Une enquêtrice qui n’a pas froid aux yeux
Le choix de l’héroïne par l’auteure est judicieux car il porte sur une population qui n’a pas souvent les honneurs des premiers rangs. Glory est une femme noire qui se définit elle-même comme vieille et grosse. Divorcée, elle mène une existence assez simple sauf le dimanche où elle participe à la séance du Red Hat society d’Acadiana, un club où se réunissent des femmes noires, catholiques et pieuses, et où elle exerce son activité… illégale.

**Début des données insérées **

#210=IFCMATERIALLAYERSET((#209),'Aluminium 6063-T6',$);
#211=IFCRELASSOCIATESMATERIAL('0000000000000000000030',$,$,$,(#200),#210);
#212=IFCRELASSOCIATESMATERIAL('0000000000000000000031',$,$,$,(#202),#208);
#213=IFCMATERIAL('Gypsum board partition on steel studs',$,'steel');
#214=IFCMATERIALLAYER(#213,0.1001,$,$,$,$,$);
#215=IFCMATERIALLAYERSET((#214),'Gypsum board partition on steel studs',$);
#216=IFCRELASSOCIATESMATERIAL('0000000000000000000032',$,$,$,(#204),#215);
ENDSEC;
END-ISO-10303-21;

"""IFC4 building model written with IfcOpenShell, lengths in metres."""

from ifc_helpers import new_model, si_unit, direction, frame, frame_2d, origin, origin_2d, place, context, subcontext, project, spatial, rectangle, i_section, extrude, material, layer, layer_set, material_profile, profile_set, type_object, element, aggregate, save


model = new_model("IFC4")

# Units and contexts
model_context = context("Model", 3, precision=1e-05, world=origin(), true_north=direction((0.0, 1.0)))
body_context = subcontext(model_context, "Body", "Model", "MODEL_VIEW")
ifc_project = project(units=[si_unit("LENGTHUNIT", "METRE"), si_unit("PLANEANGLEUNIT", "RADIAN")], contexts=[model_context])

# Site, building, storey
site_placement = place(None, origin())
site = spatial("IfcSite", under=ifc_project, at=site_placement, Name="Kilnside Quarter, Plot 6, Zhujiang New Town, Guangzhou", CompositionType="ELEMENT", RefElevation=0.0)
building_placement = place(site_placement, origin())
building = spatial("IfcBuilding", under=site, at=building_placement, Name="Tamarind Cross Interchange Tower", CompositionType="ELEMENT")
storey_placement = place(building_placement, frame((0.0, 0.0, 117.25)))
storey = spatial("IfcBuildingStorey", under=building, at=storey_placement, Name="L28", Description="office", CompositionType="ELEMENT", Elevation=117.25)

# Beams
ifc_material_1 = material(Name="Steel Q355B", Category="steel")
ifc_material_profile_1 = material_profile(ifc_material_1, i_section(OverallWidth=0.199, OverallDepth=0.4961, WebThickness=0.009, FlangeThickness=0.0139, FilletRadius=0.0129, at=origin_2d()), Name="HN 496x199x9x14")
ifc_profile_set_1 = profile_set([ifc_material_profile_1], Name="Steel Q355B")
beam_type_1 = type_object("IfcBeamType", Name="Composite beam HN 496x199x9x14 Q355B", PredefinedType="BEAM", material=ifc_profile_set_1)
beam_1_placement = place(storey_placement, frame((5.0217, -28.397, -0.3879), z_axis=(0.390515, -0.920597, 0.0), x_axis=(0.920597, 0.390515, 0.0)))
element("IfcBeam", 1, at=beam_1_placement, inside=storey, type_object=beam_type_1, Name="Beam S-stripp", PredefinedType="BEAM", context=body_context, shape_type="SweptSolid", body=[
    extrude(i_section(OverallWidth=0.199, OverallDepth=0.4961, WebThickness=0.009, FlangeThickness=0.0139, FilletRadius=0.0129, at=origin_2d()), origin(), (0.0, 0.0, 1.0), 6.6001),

C’est après la messe que Glory Broussard se rend au CC’s, son café habituel. Mais, ce dimanche, elle est excédée car le garçon, un nouveau, ne l’a pas encore servie. Or, le dimanche est son jour de recettes et son travail l’attend. Elle est bookmakeuse à son compte.
C’est à ce moment que le lieutenant Landry, qui a bien connu sa mère, vient la saluer. Pendant la conversation, il reçoit un appel relatif à une femme décédée. Quand Glory entend l’adresse, celle d’Amity Gay, sa meilleure amie, sa sœur, elle veut accompagner le policier. Sur place, ils constatent que la religieuse s’est pendue avec sa ceinture monastique. Delphine, sa fille, avocate à New York est venue pour les obsèques. En revenant chez sa mère, celui-ci trouve une lettre émanant du tribunal de Lafayette. Une plainte a été déposée en raison de l’état périlleux de sa maison.
Le lendemain, Delphine commence à remettre en ordre, vider, car Glory est une collectionneuse compulsive qui chine et garde tout. En bavardant, Glory fait part de ses doutes quant au suicide de son amie. Celle-ci était mobilisée par de nombreux projets. Elle décide d’enquêter. Chez son amie, elle trouve du Fentanyl, une drogue dont elle reconnaît le logo sur l’emballage. Elle part sur cette piste……
Se pose l’interrogation sur la mort de cette femme qui, après une jeunesse dévergondée avec Téquila, drogue, mauvais garçons, mauvais choix, a choisi d’entrer dans la congrégation des Sœurs de la Sainte Famille. Aidée par sa fille qui traverse une mauvaise passe avec son époux et la famille de celle-ci qui n’a pas accepté que leur fils épouse une noire, elles vont s’investir, à la fois dans la restauration de l’habitation et dans la recherche d’indices menant vers un coupable.
Bien sûr, Glory va devoir payer de sa personne, faire front à des intimidations, se glisser dans des lieux peu faits pour elle, jusqu’à un dénouement qui lui vaut bien des soucis.
Mais la romancière décrit le quotidien d’une telle femme et la condition de ces femmes noires qui ne comptent pas. Ne fait-elle pas dire à son héroïne : «Lorsqu’une femme noire est attaquée ou disparait, les gens regardent ailleurs»? Danielle Arceneaux distille nombre de réflexions pertinentes, des images très parlantes, et glisse un bel humour tant dans les dialogues que dans les situations, dans les avatars subis par Glory.
Un premier roman très agréable à découvrir tant pour l’intrigue pétillante que pour cette héroïne qui donne envie de la retrouver dans de nouvelles aventures.
serge perraud
Danielle Arceneaux, Glory B. enquête : Frayeur en Louisiane (Glory Be), traduit de l’anglais (États-Unis) par Emmanuelle Heurtebize, Robert Laffont, coll. “La Bête Noire”, mai 2024, 288 p. — 14,90 €.